I am giving some consideration to running a face-to-face campaign, once again; the first I have done since moving my games online in 1995. Granted, I am married, have two kids, work full time, have a houseful of animals and plethora of hobbies. Thus the reason I typically DM message-based games via the web. 

   My web-based game, "Beneath the Pinnacles of Azor'alq" (BPAA), is a 3e D&D World of Greyhawk message-based game (Play-by-Post) set beneath the surface of the Dramidj Ocean. The current level of play is between 2 to 5. The campaign, which uses the "core rules of 3e, select supplements from 2e, and the heart of 1e", is designed for those interested in participating in a work of coauthored interactive fiction. With BPAA, I have amalgamated my interests in writing, D&D, and saltwater aquariums. 

   In the campaign, I post a new "Chapter" once a week. During the week, the players respond to events in the Chapter, to NPCs, and to one another. I will add updates as time permits. The next week, I post a new Chapter. While this method of game play requires a degree of patience and the occasional spell-checker, I have found it one of the best options for those with hectic schedules.

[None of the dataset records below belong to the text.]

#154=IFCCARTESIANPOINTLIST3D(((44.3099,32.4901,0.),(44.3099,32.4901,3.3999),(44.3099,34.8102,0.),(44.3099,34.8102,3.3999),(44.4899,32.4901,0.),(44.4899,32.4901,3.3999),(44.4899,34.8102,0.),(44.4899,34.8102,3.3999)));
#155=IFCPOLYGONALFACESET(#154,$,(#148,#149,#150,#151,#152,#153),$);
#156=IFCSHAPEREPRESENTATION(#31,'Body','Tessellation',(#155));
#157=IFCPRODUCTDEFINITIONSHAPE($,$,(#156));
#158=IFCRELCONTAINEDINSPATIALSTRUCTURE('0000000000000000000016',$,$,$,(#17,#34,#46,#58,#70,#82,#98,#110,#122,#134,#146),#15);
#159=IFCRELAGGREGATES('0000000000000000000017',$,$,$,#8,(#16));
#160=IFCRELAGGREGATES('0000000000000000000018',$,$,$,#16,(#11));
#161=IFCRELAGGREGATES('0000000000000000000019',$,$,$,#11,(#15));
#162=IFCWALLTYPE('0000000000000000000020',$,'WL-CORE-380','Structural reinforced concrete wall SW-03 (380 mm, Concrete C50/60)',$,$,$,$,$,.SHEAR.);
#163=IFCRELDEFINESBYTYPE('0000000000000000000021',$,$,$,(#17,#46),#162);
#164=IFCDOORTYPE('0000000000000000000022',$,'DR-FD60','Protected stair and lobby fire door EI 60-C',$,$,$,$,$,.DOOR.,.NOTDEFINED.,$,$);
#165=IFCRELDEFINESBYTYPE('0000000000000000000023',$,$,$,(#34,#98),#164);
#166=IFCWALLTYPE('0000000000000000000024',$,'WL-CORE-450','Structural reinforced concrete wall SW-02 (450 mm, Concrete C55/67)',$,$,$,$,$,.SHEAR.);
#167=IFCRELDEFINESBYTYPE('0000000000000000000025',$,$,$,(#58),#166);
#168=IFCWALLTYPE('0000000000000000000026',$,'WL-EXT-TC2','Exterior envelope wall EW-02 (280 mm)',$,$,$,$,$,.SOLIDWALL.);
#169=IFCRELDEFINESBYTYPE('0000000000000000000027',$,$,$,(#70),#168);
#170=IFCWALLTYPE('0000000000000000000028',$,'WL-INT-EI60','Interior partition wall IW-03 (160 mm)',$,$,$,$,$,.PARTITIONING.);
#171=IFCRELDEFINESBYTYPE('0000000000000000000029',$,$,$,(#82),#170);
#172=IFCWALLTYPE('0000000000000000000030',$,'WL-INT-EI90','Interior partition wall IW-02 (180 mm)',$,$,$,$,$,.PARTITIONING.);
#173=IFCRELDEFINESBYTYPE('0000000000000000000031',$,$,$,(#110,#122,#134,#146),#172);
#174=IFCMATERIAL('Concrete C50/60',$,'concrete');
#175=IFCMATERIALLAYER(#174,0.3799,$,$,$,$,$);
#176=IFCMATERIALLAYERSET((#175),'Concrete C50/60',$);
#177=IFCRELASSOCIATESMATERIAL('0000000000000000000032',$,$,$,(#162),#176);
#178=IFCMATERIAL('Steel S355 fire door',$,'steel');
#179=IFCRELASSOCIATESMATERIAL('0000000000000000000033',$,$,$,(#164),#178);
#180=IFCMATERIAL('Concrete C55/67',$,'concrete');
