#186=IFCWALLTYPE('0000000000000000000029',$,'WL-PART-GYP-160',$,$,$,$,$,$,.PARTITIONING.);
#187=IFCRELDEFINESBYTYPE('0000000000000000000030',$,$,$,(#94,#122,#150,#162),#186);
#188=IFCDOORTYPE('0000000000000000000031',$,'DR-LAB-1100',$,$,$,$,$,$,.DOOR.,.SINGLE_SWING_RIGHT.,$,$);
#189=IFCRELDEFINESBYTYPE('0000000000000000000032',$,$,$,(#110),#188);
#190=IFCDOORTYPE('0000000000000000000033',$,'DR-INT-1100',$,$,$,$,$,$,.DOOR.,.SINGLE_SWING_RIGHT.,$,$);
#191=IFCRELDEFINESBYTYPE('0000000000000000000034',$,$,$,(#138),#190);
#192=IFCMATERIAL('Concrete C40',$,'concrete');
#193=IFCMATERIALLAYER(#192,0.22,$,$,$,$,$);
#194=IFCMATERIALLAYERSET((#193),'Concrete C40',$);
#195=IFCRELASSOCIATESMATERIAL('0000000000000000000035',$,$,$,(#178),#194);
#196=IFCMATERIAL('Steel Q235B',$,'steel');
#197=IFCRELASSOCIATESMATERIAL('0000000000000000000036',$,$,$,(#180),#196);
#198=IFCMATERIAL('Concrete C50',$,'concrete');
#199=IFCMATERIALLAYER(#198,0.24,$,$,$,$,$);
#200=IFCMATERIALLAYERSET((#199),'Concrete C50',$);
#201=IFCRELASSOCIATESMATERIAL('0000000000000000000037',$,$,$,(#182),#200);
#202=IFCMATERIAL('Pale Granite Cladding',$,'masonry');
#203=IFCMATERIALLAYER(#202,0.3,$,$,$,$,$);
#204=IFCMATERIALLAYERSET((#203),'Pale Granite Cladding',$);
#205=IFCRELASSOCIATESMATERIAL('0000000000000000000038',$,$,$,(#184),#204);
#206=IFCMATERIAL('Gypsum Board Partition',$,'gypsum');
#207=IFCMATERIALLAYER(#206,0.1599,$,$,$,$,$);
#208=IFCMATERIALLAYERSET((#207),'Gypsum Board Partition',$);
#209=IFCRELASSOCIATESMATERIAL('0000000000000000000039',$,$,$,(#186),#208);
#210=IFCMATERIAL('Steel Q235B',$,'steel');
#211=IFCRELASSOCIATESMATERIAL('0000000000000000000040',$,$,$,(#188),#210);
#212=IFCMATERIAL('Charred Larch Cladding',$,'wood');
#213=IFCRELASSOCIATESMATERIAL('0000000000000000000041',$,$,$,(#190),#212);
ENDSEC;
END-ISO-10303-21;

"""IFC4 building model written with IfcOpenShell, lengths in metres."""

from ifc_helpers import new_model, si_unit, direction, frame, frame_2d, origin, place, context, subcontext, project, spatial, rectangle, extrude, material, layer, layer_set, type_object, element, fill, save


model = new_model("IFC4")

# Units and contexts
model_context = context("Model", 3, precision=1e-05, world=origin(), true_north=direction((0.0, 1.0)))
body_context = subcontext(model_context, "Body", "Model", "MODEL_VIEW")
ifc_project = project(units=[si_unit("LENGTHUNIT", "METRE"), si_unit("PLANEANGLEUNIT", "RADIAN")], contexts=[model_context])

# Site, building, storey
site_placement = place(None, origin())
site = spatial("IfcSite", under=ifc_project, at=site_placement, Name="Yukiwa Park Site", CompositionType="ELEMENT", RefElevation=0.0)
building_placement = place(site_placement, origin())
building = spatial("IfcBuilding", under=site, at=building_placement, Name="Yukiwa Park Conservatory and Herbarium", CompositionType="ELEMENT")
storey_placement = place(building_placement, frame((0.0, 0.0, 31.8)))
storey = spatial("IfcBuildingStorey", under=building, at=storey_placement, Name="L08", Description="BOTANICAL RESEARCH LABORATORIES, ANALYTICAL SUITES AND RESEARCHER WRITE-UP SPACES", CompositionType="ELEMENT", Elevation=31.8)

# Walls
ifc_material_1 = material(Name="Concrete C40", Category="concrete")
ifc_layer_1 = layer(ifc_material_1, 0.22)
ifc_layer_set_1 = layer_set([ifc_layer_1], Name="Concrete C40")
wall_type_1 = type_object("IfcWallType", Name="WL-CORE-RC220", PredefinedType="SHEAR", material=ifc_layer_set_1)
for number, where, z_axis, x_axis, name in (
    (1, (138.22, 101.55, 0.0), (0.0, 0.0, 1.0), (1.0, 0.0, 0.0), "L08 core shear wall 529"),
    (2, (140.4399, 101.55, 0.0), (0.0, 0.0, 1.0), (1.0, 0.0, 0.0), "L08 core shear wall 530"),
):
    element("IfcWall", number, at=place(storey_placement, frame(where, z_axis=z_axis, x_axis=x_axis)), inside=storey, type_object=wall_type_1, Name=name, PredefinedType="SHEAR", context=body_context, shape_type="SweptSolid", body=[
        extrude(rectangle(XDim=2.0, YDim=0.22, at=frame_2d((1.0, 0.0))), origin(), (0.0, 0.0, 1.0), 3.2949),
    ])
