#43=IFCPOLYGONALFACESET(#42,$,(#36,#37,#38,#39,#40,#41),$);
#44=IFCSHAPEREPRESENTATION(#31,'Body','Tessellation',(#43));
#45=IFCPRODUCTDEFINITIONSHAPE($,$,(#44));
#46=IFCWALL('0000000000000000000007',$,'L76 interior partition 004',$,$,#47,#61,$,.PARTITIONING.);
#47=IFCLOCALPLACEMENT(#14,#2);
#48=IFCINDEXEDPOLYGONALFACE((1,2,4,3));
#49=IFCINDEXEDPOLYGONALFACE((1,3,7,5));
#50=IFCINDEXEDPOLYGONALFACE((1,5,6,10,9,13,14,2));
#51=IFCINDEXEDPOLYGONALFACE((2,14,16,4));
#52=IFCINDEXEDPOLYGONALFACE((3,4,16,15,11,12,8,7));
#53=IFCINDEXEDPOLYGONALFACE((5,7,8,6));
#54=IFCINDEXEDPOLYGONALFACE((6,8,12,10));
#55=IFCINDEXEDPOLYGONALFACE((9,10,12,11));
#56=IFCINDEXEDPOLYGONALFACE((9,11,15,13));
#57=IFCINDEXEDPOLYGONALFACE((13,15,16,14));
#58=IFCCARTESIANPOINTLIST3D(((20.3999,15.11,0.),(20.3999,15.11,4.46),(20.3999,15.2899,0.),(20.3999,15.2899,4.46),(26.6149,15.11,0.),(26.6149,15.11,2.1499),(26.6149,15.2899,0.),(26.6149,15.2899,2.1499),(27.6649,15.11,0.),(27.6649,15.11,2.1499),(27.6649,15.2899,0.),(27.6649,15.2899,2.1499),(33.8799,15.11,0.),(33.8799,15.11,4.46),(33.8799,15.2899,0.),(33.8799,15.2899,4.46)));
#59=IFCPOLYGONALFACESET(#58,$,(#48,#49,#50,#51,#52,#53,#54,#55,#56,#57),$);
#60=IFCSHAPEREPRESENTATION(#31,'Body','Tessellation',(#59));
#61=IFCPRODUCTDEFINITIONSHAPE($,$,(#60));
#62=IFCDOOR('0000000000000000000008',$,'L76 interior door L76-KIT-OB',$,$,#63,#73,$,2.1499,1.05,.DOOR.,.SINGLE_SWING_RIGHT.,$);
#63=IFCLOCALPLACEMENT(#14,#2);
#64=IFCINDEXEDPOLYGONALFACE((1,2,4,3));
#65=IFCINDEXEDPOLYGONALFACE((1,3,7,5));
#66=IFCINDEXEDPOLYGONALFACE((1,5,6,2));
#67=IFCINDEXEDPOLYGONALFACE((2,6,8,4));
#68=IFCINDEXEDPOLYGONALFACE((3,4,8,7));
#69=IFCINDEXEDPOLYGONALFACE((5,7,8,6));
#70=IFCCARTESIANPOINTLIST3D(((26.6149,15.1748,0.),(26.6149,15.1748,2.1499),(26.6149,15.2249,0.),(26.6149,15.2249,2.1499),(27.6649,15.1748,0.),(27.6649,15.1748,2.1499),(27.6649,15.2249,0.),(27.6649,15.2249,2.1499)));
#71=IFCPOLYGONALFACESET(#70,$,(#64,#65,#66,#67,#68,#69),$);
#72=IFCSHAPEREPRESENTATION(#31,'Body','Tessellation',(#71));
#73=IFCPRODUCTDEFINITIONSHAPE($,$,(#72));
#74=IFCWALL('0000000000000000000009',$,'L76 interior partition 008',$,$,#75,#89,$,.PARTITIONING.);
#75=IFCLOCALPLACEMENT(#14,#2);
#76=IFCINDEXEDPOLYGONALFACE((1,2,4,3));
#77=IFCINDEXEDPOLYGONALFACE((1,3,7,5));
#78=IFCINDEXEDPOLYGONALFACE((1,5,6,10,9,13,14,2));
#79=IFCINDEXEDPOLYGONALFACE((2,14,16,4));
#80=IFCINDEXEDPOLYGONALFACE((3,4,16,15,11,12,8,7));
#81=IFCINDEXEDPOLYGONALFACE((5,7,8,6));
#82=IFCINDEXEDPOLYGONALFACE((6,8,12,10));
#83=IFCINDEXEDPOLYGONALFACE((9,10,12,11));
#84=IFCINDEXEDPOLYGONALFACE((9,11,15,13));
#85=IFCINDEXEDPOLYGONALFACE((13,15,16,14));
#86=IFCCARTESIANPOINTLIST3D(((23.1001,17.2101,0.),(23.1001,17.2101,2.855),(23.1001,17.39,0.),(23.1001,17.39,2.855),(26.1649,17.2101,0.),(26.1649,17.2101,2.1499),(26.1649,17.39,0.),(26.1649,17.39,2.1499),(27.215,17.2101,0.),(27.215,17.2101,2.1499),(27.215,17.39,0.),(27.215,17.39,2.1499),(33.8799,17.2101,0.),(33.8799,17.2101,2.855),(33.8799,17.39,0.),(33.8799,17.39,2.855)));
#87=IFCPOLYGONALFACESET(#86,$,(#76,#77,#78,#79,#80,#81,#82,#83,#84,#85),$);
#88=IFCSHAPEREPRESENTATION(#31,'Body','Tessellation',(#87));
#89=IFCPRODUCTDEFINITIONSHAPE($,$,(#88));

   You may be asking yourself "Why, if he complains about his hectic schedule, would he want to organize regular gaming sessions?". The answer is simple. BPAA began as a First Edition AD&D campaign. I skipped over most of 2e, but found myself enthralled by the possibilities 3e had to offer. Thus, while BPAA is a 3e campaign, I have yet to use the rules within a real-world gaming group.

   I also admit to a somewhat selfish motivation. I would like to try running an aquatic campaign in real-time, to help improve my message-based game. Granted, this would mean that, right from the beginning, all of the races in the PH would be abandoned, in favor of sea elves, merfolk, locathah and the like. If I have managed to whet your appetite, I would ask that you consider the following information, from "Greyhawk Adventures" (also posted at http://www.wizards.com/greyhawk/dndgreyhawkmysteriousplaces.asp), regarding the region known as Turucambi. 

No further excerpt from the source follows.